Medicare claims data are available for 97% of the US population 65 years and above, and include health service claims for care provided by physicians, inpatient hospital stays, hospital outpatient clinics, home health care agencies, skilled nursing facilities, hospice programs, and durable medical equipment suppliers. The inpatient (part A) claims are available from the year 1986. The part B physician service claims and outpatient services are only available from the year 1991. Also, since it was made mandatory under the National Claims History System from 1991 to include the diagnosis codes in the physician claims, diagnosis codes are present in all physician claims only from that year.

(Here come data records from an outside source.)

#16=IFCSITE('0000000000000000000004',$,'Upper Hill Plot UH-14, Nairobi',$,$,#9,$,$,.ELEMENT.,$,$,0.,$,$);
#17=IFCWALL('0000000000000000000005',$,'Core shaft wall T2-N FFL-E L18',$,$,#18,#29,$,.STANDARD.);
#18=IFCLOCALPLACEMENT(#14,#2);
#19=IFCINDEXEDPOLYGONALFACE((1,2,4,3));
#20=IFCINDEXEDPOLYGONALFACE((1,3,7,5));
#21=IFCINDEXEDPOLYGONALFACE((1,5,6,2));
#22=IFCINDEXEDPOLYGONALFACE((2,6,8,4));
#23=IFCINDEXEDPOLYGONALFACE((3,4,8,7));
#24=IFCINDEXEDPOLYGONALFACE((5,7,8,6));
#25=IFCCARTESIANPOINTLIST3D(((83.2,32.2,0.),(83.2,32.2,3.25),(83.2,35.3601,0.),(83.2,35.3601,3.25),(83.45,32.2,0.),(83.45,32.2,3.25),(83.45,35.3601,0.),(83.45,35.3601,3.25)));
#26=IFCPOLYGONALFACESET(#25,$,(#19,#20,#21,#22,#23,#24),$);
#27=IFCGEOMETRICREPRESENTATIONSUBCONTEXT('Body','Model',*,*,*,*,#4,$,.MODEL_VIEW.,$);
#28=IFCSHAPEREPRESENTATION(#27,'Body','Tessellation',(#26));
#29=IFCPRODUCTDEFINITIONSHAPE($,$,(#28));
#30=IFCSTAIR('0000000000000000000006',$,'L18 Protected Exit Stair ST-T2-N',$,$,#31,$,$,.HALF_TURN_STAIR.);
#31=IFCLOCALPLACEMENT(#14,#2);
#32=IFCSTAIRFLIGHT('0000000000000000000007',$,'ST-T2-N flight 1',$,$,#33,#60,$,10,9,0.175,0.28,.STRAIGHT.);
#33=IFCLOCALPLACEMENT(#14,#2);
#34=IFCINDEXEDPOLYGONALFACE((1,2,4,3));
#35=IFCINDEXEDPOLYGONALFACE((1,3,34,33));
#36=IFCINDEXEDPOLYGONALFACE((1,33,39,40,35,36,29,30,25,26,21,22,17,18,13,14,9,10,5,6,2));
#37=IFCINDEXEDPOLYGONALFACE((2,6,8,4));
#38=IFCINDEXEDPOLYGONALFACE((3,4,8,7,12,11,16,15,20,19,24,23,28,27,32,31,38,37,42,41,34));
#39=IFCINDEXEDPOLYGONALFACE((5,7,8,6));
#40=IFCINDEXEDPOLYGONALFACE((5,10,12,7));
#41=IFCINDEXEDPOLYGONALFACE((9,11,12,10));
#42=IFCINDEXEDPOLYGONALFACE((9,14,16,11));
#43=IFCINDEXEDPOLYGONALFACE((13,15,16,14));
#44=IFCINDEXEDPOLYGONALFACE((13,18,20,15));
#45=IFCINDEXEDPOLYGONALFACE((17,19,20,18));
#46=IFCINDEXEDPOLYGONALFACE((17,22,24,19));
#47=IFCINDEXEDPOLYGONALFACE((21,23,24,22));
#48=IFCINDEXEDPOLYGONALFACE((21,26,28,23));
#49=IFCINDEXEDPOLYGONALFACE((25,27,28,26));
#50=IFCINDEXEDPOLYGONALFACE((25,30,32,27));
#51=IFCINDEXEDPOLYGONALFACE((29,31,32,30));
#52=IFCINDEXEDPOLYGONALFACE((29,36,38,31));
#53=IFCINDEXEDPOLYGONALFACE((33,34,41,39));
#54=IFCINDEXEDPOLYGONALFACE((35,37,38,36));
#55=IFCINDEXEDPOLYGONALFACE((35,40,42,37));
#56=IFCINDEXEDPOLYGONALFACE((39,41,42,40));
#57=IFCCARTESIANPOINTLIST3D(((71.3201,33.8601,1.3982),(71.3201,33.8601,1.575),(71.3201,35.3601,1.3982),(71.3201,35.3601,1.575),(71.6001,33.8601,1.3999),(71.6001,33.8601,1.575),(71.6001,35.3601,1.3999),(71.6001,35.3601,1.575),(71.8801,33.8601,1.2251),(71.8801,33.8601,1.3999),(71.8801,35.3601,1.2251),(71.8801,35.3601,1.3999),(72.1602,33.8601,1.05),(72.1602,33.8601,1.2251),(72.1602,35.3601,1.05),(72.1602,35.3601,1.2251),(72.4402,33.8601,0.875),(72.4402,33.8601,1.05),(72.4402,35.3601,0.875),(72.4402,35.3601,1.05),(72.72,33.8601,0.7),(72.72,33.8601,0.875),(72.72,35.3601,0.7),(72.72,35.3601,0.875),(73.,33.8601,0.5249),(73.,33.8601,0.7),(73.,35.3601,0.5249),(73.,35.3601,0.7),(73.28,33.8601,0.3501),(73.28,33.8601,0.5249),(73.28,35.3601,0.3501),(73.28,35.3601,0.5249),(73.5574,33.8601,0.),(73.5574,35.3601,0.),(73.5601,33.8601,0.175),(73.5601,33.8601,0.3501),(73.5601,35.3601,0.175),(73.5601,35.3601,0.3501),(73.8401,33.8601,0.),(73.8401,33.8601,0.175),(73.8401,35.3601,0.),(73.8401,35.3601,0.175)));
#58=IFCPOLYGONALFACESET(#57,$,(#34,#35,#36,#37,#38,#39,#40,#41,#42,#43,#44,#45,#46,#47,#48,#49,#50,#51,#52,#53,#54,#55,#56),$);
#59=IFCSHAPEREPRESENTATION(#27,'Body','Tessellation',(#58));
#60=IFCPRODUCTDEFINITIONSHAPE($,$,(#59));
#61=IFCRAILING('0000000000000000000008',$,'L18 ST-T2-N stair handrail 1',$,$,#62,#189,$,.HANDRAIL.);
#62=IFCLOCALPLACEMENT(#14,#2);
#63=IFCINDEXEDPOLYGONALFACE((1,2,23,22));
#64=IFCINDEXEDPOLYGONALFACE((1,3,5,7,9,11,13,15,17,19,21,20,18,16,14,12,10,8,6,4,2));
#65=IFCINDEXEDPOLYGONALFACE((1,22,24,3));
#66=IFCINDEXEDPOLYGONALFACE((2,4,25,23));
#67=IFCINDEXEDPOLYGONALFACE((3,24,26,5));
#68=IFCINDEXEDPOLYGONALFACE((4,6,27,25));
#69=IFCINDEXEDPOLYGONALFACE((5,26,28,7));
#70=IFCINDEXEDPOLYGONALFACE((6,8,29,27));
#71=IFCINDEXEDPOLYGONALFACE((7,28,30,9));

Medicare claims can be used to construct co-morbidity indices for the patients, to identify any service utilization, and costs (Charlson, 1987; Romano, 1993; Deyo, 1992; Klabunde, 2000; Klabunde, 2007).
Linking the Medicare claims to the SEER data provides a unique database to study cancer control, prevention, treatment, healthcare service utilization, and Medicare expenditures for patients above the age of 65 years. The SEER-Medicare data are an efficient and cost effective source of information on large heterogeneous, patient populations, unlike the geographically limited clinical trials (Potosky, 1993). These observational data include all women residing in a community setting, and biases such as volunteer bias in clinical trials and recall bias are also reduced. Also, since SEER data have been collected from medical charts and pathology reports, they contain a wealth of
information on cancer histology, type, stage and extent of spread. Medicare data have the advantage of being longitudinal, and also provide the ability to identify tests and procedures more accurately; claims data have higher sensitivity for tests and procedures than chart audits (Nattinger, 2002). The two datasets complement each other as they combine the details during initial diagnosis from chart review, with a lifetime of utilization and cost data from claims.

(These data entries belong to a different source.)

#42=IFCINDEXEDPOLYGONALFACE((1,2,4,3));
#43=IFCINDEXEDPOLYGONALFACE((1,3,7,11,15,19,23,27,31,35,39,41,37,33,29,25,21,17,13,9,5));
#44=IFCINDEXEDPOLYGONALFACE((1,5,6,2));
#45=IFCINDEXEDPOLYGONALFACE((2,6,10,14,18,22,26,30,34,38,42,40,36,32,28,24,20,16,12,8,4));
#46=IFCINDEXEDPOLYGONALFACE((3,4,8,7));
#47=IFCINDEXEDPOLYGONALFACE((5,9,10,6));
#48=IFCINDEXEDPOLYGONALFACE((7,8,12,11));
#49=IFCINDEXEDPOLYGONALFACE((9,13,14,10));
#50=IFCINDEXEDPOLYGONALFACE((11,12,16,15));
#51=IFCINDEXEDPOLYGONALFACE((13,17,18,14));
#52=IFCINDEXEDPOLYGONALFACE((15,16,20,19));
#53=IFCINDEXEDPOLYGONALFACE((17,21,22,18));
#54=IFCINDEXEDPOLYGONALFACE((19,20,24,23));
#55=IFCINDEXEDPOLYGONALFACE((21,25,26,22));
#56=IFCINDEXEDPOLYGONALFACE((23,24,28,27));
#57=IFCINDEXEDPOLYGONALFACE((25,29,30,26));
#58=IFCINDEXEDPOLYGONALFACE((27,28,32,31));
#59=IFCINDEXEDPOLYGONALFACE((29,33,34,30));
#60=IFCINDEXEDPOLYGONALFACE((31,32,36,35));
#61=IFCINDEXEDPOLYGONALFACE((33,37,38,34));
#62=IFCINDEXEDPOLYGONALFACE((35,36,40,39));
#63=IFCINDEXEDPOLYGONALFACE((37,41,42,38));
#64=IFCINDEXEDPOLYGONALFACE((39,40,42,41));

Since the SEER Medicare database is large, it provides an opportunity to study the occurrence of neutropenia in breast cancer patients receiving chemotherapy with higher statistical power. It has been established that chemotherapy use in women above 65 years of age, rates of hospitalization for chemotherapy-induced toxicity (including neutropenia), and administration of G- CSF can be identified using SEER Medicare data (Du, 2002; Earle, 2001; Schrag, 2001, Du, 2001a; Du, 2001b). Chemotherapy and G-CSF are covered by Medicare and thus can be identified using the claims. Also, the validity and reliability of Medicare claims to identify chemotherapy administration has been successfully documented by previous studies (Warren, 2002; Du, 2005). Medicare has a high sensitivity for detecting the receipt of chemotherapy, which is around 88% for breast cancer. The claims code for the actual chemotherapy drug delivered, if present, is in high agreement with the drug as reported by comparative chart reviews in case of breast cancer.

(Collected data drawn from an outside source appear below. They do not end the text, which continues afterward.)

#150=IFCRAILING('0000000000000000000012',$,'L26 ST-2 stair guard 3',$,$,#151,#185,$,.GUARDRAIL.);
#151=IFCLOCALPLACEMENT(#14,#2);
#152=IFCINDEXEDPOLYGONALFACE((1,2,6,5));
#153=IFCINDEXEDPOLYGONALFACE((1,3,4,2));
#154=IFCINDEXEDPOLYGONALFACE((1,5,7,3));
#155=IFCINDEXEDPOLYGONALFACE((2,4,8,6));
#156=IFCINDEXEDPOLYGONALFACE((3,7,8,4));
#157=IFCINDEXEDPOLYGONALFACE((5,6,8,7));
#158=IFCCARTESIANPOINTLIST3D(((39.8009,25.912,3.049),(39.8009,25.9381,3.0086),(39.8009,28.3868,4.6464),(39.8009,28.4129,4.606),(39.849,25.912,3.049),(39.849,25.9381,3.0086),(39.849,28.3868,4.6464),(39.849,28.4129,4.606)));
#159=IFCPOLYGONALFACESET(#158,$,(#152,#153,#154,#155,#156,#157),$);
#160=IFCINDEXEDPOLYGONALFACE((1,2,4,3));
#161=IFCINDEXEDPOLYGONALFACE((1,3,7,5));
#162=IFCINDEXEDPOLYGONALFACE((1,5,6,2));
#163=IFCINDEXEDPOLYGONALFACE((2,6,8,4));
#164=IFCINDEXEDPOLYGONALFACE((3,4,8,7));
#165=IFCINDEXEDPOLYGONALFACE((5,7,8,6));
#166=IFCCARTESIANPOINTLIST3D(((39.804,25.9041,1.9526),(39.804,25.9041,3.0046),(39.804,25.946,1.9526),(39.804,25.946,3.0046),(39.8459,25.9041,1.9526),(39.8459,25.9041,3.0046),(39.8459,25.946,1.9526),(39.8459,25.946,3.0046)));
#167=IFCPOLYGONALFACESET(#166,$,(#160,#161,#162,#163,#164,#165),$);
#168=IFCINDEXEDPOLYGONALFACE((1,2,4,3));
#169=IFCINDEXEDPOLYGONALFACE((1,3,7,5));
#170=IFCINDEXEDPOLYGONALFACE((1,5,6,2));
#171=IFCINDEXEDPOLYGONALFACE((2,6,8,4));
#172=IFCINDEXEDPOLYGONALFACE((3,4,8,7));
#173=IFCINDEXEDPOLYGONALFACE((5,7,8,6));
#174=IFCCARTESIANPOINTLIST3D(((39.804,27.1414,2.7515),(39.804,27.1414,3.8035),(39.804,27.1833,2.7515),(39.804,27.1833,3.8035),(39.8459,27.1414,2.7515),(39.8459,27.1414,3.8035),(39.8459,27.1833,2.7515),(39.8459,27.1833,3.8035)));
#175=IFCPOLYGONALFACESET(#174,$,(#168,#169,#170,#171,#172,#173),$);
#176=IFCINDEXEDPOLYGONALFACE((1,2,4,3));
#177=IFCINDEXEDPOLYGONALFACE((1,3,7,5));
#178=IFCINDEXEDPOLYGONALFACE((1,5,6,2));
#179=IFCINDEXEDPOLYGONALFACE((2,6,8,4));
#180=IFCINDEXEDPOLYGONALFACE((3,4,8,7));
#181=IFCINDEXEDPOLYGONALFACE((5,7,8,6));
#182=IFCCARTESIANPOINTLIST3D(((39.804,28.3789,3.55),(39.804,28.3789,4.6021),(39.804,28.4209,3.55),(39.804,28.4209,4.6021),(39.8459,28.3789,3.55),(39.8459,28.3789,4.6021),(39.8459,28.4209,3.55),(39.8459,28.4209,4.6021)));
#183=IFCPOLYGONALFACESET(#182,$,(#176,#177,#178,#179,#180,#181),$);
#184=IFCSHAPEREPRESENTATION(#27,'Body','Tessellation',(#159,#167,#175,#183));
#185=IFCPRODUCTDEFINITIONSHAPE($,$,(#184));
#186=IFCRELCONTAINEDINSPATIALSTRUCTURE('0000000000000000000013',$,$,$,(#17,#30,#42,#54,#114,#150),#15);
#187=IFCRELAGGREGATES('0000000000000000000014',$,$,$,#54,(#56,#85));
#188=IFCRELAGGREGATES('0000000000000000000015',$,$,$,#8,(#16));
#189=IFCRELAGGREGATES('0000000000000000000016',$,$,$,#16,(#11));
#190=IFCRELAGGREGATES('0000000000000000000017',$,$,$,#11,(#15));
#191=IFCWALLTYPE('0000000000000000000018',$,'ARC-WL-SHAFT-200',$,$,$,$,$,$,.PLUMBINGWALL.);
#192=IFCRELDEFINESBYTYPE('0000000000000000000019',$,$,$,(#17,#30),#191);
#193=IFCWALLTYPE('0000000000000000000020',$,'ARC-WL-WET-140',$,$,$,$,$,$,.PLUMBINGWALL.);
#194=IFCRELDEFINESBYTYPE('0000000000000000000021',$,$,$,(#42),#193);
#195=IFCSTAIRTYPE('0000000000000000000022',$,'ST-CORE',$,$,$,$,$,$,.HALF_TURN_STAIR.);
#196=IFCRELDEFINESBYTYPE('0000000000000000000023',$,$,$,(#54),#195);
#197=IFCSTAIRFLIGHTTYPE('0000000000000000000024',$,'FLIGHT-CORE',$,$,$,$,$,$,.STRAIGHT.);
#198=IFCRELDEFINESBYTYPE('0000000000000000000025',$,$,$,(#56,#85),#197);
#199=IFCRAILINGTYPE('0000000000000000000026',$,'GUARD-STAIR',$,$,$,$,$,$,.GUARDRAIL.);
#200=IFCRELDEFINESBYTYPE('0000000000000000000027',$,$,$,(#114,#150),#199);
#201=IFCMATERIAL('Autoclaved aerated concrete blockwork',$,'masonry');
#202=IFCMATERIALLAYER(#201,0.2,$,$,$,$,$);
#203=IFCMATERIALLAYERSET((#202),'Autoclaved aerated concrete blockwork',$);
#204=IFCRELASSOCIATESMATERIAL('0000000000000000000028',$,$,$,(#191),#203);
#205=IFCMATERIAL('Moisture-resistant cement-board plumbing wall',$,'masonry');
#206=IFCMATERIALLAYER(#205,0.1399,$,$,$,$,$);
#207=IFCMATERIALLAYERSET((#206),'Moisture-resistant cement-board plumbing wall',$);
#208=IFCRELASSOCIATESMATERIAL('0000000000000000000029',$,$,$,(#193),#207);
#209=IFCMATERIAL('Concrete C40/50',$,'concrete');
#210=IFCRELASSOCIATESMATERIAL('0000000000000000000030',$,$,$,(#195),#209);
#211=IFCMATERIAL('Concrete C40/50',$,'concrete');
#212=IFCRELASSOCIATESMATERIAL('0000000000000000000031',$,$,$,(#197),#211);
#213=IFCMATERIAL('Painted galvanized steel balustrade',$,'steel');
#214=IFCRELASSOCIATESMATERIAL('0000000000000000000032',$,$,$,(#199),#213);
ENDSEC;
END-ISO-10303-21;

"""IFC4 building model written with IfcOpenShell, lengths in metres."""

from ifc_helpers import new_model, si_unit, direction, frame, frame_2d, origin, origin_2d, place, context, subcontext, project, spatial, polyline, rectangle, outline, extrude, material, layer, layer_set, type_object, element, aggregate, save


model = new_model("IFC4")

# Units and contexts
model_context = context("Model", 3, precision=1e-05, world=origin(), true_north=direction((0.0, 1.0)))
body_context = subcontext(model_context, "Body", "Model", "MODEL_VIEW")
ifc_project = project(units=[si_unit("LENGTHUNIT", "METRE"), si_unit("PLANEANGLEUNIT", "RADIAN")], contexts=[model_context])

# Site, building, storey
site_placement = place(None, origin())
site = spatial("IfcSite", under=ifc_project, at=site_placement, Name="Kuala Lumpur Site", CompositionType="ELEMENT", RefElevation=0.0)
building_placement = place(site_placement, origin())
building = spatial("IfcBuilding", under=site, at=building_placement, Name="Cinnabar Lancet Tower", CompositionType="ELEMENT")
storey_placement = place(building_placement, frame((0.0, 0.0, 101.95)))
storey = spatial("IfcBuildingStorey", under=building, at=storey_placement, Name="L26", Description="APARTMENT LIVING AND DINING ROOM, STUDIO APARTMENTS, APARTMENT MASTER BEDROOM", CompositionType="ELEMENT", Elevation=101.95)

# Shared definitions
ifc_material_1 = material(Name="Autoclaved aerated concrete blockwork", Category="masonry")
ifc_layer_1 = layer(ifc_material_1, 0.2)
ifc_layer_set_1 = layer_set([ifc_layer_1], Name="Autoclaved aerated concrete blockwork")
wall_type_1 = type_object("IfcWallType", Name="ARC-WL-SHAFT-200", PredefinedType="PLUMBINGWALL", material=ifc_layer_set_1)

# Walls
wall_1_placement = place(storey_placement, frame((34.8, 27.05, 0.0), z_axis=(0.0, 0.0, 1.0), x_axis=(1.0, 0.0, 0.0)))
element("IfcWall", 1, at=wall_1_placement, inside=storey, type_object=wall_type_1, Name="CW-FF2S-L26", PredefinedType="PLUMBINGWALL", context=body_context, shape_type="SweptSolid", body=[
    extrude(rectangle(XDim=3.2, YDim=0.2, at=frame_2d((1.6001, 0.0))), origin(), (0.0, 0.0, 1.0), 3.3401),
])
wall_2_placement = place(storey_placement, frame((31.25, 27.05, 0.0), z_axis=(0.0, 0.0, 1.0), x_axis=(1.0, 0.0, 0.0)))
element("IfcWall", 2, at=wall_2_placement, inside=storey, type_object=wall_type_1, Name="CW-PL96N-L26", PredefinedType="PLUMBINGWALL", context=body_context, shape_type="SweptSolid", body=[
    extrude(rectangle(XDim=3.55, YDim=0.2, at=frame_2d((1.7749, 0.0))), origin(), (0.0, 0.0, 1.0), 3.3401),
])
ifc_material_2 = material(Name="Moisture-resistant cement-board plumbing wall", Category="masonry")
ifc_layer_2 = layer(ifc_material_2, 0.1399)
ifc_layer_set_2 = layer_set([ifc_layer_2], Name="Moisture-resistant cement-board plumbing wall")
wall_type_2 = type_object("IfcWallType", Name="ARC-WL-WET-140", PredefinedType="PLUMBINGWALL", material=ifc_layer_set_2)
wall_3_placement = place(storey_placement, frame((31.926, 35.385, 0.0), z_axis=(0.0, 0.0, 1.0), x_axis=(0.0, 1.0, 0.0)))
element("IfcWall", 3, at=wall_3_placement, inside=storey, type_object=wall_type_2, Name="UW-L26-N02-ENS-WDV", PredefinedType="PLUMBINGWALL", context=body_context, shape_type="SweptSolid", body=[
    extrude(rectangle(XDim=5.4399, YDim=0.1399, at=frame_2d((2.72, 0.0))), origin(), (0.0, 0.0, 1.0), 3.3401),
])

One limitation of the data is that the chemotherapy drug is often not indicated in the claims in case of breast cancer. The sensitivity to identify specific chemo agents for breast cancer are 52.5% (Methotrexate), 76.2% (Cyclophosphamide) and 79.2% (5-FU). The sensitivity of other agents has not been verified (Warren, 2002). If the administrative data cannot be used to identify the specific agent, then it is difficult to identify the agent as breast cancer chemotherapy involves numerous agents. Also, frequency of the claims do not necessarily determine the frequency or duration of the chemotherapy since some providers bill Medicare for multiple administrations using just one claim. However, this is an issue only if we want to identify the actual chemotherapy drug, and we do not aim to accomplish that in this study. Claims data are very sensitive in identifying the chemotherapy administration itself.